Nur: Bei ebay zum Beispiel bekomme ich sehr zweckmäßige
und nahezu neuwertige Ware  zu einem absoluten Hammer-
preis.
Eine Frage zum Schluß:
Es hat doch sicher einen Grund, warum  auch  renomierte
Verkäufer flecktarn im Abgebot haben, oder?! 
Ich kann mich nur wiederholen: so, wie  ich in den Wald
rufe, schallt es heraus. Gutes Benehmen ist alles, nicht
die Kleidung!!!

Volker


----------



## LAC (16. September 2006)

*AW: Muß das sein?*

Hallo nochmal,
nun sind wir hier in dänemark etwas mehr freiheit gewöhnt und ein jeder kann sich hier kleiden, wie er es für richtig hält, und wenn er die tarnkappe vergessen hat, dann kann er sich auch eine aus seetang machen , das ist auch ok. Reden wir jedoch vom benehmen, dann sollte man wissen was man tut und seine grenzen kennen, das ist zwar leichter gesagt als getan, da jeder eine andere vorstellung davon hat und oft treten dann noch vom bier bewusstseinsspaltungen  auf und die grenzen sind nicht mehr erkennbar. Dann ist alles richtig,  toll und lustig was man macht - auch wenn man sich in die hosen voll gemacht hat oder mal die dänischen fahnen klaut. All diese genzenlose tätigkeiten, sind machbar - das muss jeder selbst verantworten und so kommt es dann auch mal vor, dass der staat sich einschaltet und ihnen die grenzen zeigt. 
Das ist ja das interessante an der gesellschaft, das wir menschen so unterschiedlich sind, das macht sie so farbenfroh die täglichen zeitungen sind voll bestückt damit - man findet immer etwas neues und auch menschen die die gleiche einstellung haben ob sie mit dem hochzeitsanzug angeln oder eine tarnkappe aus tang tragen bzw. ein tarnanzug anhaben.
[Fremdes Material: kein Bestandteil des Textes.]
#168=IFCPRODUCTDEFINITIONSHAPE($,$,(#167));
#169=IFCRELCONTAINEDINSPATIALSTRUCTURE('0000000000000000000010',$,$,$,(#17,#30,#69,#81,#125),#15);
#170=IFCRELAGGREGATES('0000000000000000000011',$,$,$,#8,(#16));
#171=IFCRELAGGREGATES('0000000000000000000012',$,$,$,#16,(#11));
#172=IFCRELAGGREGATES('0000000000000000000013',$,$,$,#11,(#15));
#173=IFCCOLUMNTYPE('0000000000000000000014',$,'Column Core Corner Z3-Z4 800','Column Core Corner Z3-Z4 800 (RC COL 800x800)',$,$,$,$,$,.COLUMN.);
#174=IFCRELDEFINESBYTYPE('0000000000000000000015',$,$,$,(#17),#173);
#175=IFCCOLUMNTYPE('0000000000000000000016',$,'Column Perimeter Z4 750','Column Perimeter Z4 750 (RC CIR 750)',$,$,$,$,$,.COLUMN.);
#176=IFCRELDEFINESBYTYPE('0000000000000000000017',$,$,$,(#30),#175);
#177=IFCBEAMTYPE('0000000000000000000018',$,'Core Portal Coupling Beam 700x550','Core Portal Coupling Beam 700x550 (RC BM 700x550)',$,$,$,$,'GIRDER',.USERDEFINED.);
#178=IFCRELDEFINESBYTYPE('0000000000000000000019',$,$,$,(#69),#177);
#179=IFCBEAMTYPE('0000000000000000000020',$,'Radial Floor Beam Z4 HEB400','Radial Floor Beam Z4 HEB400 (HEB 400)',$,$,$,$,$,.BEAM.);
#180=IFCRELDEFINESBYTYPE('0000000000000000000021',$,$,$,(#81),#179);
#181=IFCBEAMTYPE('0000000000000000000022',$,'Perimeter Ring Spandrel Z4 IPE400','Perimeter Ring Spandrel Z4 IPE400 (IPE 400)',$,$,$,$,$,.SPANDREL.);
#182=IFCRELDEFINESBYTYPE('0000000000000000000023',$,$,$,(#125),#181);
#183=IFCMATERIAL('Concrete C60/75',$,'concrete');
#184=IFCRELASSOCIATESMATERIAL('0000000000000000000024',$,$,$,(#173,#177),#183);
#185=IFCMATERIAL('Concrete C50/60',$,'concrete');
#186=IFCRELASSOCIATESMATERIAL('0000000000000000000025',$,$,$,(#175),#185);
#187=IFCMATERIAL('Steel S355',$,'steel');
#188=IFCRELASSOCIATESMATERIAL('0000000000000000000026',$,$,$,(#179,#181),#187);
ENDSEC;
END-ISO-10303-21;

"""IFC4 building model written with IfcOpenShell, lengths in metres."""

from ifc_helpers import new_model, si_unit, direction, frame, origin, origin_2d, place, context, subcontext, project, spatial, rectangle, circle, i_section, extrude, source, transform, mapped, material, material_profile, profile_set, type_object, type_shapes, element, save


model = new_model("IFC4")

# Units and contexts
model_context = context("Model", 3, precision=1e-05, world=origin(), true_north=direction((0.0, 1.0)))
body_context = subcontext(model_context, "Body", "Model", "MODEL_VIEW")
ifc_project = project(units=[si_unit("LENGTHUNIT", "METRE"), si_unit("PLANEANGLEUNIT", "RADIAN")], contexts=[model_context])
Man findet auch gleichgesinnte wenn sie ein t-shirt tragen mit der aufschrift,  fromms macht frei oder mit der aufschrift ballack oder ballermann.  70% diese farbenfrohen menschen sind bei arbeitsbeginn am montag wieder verkleidet. 
Jedenfalls würden alle mehr erfolg beim angeln haben, wenn sie diese zeit die sie hier opfern sich mit den einzelnen fischarten befassen würden - ob mit tarnanzug oder ohne. 
farvel


----------



## donlotis (16. September 2006)

*AW: Muß das sein?*

Hallo,

ich finde Tarnkleidung auch völlig überflüssig und auch ziemlich peinlich. Man fängt durch diese Kostümierung keinen einzigen Fisch mehr, das ist alles mehr ein Hang zum Military-Feeling. Man bekommt gute Angel- und Outdoorklamotten überall und auch günstig, da muss ich nicht wie GI Joe rumlaufen und mir einbilden ich wäre im Dschungel (wo übrigens auch keiner so einen Quatsch trägt!).

Gruß donlotis


----------



## cobra96 (17. September 2006)

*AW: Muß das sein?*



donlotis schrieb:


> Hallo,
> 
> ich finde Tarnkleidung auch völlig überflüssig und auch ziemlich peinlich. Man fängt durch diese Kostümierung keinen einzigen Fisch mehr, das ist alles mehr ein Hang zum Military-Feeling. Man bekommt gute Angel- und Outdoorklamotten überall und auch günstig, da muss ich nicht wie GI Joe rumlaufen und mir einbilden ich wäre im Dschungel (wo übrigens auch keiner so einen Quatsch trägt!).
> 
> Gruß donlotis



und genau das ist das blöde geschwätz was ich in meinem post meinte , das es nix mit mehr fangen zutun hat , sondern eher auch damit das ich zb. nicht für ne outdoorhose oder ne angeljacke 50€ oder mehr bezahle wenn ich aus meiner bw-zeit noch klamotten über habe. 
dann noch was zur zeit sind armeeklamotten mode da sagt keiner was , NEE ES IST WICHTIGER sich untereinander runterzumachen was wer trägt und was nicht. und sowas ist peinlich das man sich wegen seiner kleidung rechtfertigen muss, wenn einer nackt angeln geht passt es auch nicht.  kehrt vor eurer eigenen tür da wird genug dreck rumliegen , als sich über andere ihre kleidung aufzuregen. nehmt lieber euren dreck beim bzw. nach dem angeln mit, behandelt die fische richtig, das ist wichtiger als nach ihrgentwelche kleidung zuschauen.  komm mir bald vor wie nach der kirche , wenn die alten weiber da stehn und lästern hast gesehn was die oder der anhatte , aber selbst einen auf jon wayne machen mit ihren hüten.


----------



## donlotis (17. September 2006)

*AW: Muß das sein?*



cobra96 schrieb:


> und sowas ist peinlich das man sich wegen seiner kleidung rechtfertigen muss, wenn einer nackt angeln geht passt es auch nicht.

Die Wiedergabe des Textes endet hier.